In the first two months, the industrial economy of Liaoning Province has been running smoothly
Key monitored enterprises achieved a year-on-year increase of 11.4% in output value
Reporter Sun David reported that on March 18, the reporter learned from the Provincial Department of Industry and Information Technology that in the first two months of this year, the province’s industrial economy continued to run smoothly, and the added value of the industrial sector increased by 0.7% year-on-year, reversing the decline since the fourth quarter of last year. trend.
In terms of scale, major regions and key industries in the province have remained basically stable. From a geographical perspective, seven cities including Shenyang, Dalian, Anshan, Dandong, Jinzhou, Fuxin and Tieling achieved positive growth. Among them, the growth rates of Shenyang, Dalian, Anshan and Jinzhou were higher than the provincial average. From the perspective of industry, among the 40 major industries, 21 industries maintained growth, with a growth rate of 52.5%. The added value of high-tech manufacturing increased by 5.8% year-on-year, 5.1 percentage points higher than that of the whole province. The output of new products such as new energy vehicles, industrial robots, urban rail vehicles, and smartphones continued to grow.

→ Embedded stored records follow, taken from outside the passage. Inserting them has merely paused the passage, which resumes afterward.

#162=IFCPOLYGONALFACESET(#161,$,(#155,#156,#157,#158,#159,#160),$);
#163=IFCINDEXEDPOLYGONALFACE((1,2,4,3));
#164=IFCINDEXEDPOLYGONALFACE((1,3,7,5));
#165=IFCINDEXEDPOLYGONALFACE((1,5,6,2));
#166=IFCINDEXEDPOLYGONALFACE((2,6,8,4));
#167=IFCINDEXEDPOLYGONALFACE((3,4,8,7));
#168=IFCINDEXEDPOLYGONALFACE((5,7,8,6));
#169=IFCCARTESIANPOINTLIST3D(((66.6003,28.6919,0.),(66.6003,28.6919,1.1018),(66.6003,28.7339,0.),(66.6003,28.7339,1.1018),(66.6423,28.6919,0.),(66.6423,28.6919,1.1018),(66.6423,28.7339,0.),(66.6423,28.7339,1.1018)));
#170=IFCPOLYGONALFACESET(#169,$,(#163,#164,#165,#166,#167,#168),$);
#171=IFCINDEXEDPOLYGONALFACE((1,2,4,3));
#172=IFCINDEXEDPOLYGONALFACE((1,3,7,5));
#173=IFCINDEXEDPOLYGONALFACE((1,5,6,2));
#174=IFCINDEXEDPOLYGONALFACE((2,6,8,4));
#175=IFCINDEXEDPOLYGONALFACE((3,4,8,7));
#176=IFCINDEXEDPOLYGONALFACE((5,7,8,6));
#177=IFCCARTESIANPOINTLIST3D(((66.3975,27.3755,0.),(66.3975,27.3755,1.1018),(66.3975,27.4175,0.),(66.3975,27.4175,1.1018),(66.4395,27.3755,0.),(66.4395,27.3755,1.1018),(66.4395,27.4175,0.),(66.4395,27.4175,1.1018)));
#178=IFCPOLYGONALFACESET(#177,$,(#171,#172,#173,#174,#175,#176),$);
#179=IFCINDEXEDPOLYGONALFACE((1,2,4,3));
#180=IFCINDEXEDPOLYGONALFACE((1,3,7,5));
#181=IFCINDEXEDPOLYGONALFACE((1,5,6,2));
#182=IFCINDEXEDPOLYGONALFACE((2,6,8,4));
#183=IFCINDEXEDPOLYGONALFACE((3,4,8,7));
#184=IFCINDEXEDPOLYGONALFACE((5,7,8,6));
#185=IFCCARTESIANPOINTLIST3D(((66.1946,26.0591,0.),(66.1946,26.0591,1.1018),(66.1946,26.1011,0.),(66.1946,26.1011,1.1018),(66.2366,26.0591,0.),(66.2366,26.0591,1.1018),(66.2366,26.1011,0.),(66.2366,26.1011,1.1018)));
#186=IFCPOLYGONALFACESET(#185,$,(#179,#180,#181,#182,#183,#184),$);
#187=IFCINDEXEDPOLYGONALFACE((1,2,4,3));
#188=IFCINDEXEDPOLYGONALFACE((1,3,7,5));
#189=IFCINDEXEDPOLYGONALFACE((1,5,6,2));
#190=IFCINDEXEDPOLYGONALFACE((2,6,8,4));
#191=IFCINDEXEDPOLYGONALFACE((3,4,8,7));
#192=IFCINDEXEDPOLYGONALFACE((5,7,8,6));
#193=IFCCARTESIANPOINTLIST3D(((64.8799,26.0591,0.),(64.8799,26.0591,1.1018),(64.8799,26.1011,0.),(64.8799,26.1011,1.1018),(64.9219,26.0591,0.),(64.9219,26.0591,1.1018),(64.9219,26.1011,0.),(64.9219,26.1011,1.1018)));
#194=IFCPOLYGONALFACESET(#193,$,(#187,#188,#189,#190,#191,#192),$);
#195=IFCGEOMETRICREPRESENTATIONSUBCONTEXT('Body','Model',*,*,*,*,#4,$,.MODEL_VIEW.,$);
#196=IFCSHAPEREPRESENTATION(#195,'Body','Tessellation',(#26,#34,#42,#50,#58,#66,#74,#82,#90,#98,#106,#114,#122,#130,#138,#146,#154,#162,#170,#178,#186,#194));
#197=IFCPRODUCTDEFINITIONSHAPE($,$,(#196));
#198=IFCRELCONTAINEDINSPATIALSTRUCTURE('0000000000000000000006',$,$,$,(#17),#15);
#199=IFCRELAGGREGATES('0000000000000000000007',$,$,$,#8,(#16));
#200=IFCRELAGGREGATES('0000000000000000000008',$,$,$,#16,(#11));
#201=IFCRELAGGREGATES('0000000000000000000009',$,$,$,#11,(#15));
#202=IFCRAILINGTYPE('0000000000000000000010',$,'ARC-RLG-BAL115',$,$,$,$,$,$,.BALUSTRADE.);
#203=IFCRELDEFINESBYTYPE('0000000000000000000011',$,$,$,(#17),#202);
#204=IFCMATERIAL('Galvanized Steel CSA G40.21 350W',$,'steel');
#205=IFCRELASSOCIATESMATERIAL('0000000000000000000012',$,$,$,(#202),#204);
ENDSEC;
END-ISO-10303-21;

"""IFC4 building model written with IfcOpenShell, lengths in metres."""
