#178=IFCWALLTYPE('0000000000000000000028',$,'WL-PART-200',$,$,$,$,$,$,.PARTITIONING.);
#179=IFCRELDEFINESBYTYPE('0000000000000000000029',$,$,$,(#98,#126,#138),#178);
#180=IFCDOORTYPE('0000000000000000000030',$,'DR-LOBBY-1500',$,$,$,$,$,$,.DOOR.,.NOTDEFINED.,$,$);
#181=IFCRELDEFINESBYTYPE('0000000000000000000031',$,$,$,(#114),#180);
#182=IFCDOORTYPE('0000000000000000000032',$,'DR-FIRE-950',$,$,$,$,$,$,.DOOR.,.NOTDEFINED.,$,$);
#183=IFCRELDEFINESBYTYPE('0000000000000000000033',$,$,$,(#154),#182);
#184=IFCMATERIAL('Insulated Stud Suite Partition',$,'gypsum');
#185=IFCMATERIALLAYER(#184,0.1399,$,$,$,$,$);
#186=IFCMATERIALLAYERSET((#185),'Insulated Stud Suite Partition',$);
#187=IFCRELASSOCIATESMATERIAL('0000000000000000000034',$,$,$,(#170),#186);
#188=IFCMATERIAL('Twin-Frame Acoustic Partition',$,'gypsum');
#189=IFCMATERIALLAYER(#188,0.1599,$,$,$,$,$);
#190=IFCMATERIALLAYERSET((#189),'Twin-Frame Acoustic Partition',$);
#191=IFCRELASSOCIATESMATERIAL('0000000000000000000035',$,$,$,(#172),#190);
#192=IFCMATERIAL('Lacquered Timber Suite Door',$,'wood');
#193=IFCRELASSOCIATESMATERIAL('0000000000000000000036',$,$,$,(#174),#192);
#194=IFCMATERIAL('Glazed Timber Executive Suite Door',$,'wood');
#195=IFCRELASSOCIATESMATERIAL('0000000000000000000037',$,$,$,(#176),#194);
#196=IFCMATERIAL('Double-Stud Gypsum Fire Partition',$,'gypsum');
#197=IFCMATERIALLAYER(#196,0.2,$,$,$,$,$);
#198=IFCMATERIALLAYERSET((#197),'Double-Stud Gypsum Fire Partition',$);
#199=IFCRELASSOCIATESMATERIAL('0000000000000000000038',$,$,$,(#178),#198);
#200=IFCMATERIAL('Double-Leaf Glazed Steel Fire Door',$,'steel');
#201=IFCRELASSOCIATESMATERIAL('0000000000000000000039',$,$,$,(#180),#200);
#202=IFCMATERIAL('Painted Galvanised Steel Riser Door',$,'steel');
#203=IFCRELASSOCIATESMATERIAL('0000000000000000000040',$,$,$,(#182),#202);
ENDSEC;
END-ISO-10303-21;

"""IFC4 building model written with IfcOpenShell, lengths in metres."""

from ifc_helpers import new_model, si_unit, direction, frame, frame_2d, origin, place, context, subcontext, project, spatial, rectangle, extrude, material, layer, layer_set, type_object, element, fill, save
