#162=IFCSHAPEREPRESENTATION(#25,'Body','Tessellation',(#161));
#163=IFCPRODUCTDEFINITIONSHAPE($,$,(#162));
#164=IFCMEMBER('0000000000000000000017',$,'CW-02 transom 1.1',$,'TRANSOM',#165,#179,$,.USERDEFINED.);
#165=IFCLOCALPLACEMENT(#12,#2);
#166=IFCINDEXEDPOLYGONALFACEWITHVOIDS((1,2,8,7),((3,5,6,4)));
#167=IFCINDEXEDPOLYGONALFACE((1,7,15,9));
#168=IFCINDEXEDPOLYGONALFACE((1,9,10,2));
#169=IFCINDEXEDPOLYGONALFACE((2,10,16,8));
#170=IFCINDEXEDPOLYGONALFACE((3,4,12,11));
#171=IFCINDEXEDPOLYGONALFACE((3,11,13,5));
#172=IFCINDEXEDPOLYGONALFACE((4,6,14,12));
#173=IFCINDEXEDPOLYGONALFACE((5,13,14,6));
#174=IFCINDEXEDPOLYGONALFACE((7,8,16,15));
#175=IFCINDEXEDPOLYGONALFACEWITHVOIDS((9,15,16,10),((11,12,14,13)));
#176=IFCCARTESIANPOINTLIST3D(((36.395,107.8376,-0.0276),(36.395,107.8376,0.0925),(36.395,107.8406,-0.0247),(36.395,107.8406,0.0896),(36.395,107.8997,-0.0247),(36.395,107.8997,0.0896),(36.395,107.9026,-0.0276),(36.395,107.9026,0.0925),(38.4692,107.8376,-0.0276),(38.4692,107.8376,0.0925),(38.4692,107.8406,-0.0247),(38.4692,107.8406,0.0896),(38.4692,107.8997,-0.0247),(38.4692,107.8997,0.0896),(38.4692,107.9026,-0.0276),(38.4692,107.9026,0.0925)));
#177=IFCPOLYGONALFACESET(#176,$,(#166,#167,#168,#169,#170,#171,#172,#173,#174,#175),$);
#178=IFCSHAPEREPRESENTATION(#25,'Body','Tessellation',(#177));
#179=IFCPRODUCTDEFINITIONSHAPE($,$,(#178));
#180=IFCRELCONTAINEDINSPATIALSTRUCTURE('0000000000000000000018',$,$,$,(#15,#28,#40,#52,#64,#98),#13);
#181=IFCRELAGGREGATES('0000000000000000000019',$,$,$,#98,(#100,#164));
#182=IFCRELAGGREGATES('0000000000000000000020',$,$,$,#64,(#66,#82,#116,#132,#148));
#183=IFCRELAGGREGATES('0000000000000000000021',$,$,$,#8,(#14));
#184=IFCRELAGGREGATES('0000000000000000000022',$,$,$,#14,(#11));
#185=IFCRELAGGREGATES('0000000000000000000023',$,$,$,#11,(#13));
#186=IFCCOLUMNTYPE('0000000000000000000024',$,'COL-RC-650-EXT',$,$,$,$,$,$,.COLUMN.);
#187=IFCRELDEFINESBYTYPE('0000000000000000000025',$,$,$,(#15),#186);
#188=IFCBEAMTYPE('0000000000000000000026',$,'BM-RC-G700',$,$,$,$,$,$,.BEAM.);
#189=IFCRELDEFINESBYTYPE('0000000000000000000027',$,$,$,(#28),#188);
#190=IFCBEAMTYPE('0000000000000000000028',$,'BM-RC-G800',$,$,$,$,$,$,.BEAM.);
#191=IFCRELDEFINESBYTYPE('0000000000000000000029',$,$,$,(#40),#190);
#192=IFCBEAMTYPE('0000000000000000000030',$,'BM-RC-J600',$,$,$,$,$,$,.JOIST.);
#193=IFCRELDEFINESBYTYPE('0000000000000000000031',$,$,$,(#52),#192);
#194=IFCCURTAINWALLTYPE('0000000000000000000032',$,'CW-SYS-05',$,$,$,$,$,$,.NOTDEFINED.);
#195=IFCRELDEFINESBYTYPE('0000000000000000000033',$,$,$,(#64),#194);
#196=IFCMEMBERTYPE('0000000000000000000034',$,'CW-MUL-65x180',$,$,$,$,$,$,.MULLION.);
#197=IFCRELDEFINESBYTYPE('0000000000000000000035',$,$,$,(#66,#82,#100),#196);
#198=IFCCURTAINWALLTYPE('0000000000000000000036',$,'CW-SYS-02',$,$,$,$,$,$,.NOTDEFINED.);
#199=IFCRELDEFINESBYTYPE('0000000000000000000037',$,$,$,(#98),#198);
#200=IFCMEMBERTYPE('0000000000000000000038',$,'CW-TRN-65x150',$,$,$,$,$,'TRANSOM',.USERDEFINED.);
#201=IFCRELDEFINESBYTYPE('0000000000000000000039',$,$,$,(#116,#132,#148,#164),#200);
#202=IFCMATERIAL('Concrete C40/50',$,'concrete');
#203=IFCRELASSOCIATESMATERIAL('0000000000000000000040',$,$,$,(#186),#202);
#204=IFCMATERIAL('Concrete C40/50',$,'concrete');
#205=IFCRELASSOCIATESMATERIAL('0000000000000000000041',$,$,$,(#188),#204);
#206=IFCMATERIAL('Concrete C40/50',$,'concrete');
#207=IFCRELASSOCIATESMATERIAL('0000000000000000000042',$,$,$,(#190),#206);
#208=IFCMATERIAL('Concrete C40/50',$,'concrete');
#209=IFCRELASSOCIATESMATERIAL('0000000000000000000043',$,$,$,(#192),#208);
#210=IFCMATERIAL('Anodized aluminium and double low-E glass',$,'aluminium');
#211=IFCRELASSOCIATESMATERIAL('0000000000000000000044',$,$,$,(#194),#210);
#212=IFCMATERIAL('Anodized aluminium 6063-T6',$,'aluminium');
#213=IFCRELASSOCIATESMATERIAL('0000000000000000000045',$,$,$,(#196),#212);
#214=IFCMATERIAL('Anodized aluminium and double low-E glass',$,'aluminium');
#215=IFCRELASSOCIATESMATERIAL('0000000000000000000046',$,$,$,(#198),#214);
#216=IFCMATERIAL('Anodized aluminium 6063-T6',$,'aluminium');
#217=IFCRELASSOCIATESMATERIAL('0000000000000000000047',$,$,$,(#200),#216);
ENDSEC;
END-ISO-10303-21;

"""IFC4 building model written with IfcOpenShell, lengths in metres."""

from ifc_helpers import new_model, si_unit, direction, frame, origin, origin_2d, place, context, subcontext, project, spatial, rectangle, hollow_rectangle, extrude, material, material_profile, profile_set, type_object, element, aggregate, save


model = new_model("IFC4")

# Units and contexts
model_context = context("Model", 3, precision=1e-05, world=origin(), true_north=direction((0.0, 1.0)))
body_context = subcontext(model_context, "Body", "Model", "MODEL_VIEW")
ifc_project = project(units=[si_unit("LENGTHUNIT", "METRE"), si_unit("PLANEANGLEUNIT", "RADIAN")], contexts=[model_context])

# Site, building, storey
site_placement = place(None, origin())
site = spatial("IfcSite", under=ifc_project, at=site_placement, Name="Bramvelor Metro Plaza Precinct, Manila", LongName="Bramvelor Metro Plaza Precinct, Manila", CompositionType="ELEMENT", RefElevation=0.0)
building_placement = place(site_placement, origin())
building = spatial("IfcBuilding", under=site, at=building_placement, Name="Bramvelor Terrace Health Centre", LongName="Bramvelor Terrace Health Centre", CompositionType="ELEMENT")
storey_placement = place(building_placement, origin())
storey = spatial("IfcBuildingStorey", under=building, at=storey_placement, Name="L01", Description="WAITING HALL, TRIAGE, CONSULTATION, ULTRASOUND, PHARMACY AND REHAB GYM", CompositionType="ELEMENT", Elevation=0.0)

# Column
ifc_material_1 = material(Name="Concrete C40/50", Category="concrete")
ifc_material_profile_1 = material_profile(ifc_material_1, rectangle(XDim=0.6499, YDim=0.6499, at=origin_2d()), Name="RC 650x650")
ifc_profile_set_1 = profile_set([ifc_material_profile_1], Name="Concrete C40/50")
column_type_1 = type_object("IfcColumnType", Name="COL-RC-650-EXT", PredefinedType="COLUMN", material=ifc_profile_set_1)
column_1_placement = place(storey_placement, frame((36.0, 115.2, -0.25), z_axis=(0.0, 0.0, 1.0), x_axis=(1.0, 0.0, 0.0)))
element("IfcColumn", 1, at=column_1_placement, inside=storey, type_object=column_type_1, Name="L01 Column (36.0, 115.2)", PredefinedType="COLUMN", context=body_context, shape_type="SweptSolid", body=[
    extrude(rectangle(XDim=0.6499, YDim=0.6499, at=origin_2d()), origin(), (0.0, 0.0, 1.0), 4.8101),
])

The production of key enterprises is stable, and the supporting role is significant. The cumulative output value of the 521 key monitored enterprises accounted for regarding 75% of the province’s total industrial output value above the designated size. The output value increased by 11.4% year-on-year, and the growth rate was 62.4%. The production situation was better than the provincial average. The overall production of BMW Brilliance was stable, and electricity consumption increased by 17.39%. The production of Hengli Group was stable. The output values of Hengli Refinery, Hengli Petrochemical and Hengli Chemical from January to February increased by 49.3%, 27% and 23.6% respectively year-on-year. The output value of Anshan Iron and Steel Co., Ltd. increased by 9.4% year-on-year; the output value of Anshan Iron and Steel Group Benxi Iron and Steel Group increased by 7.8% year-on-year.
At present, the production expectations of industrial enterprises above designated size in the province are generally positive. It is expected that the proportion of enterprises whose output value increased year-on-year in March reached 37.5%, and the proportion of enterprises that remained unchanged reached 36.1%, which is higher than the data of the previous two months. However, challenges such as the impact of rising costs and limited profit margins still exist, and the pressure on enterprises is still not small.
Service enterprises have started construction and reached production, and relevant departments of our province have been paying close attention to problems such as “lack of cores”, “lack of cabinets”, “lack of labor” and “lack of funds” to help enterprises solve the problems of raw material supply, spare parts matching, logistics and transportation, financing and loans, etc. point.
For enterprises that have not resumed work, we will implement classified policies, one enterprise and one policy, to help enterprises solve problems such as employment, orders, and funds. Among them, Huludao cooperated closely with the Jinzhou Municipal Government, and issued a total of 313 “Vehicle Passes for Material Support for Key Industrial Enterprises in Huludao City” to 48 enterprises that were transported to Jinzhou, and transported 2,993 trains in total, transporting various urgently needed materials and must-sale products 8.6 10,000 tons, with a total amount of 380 million yuan.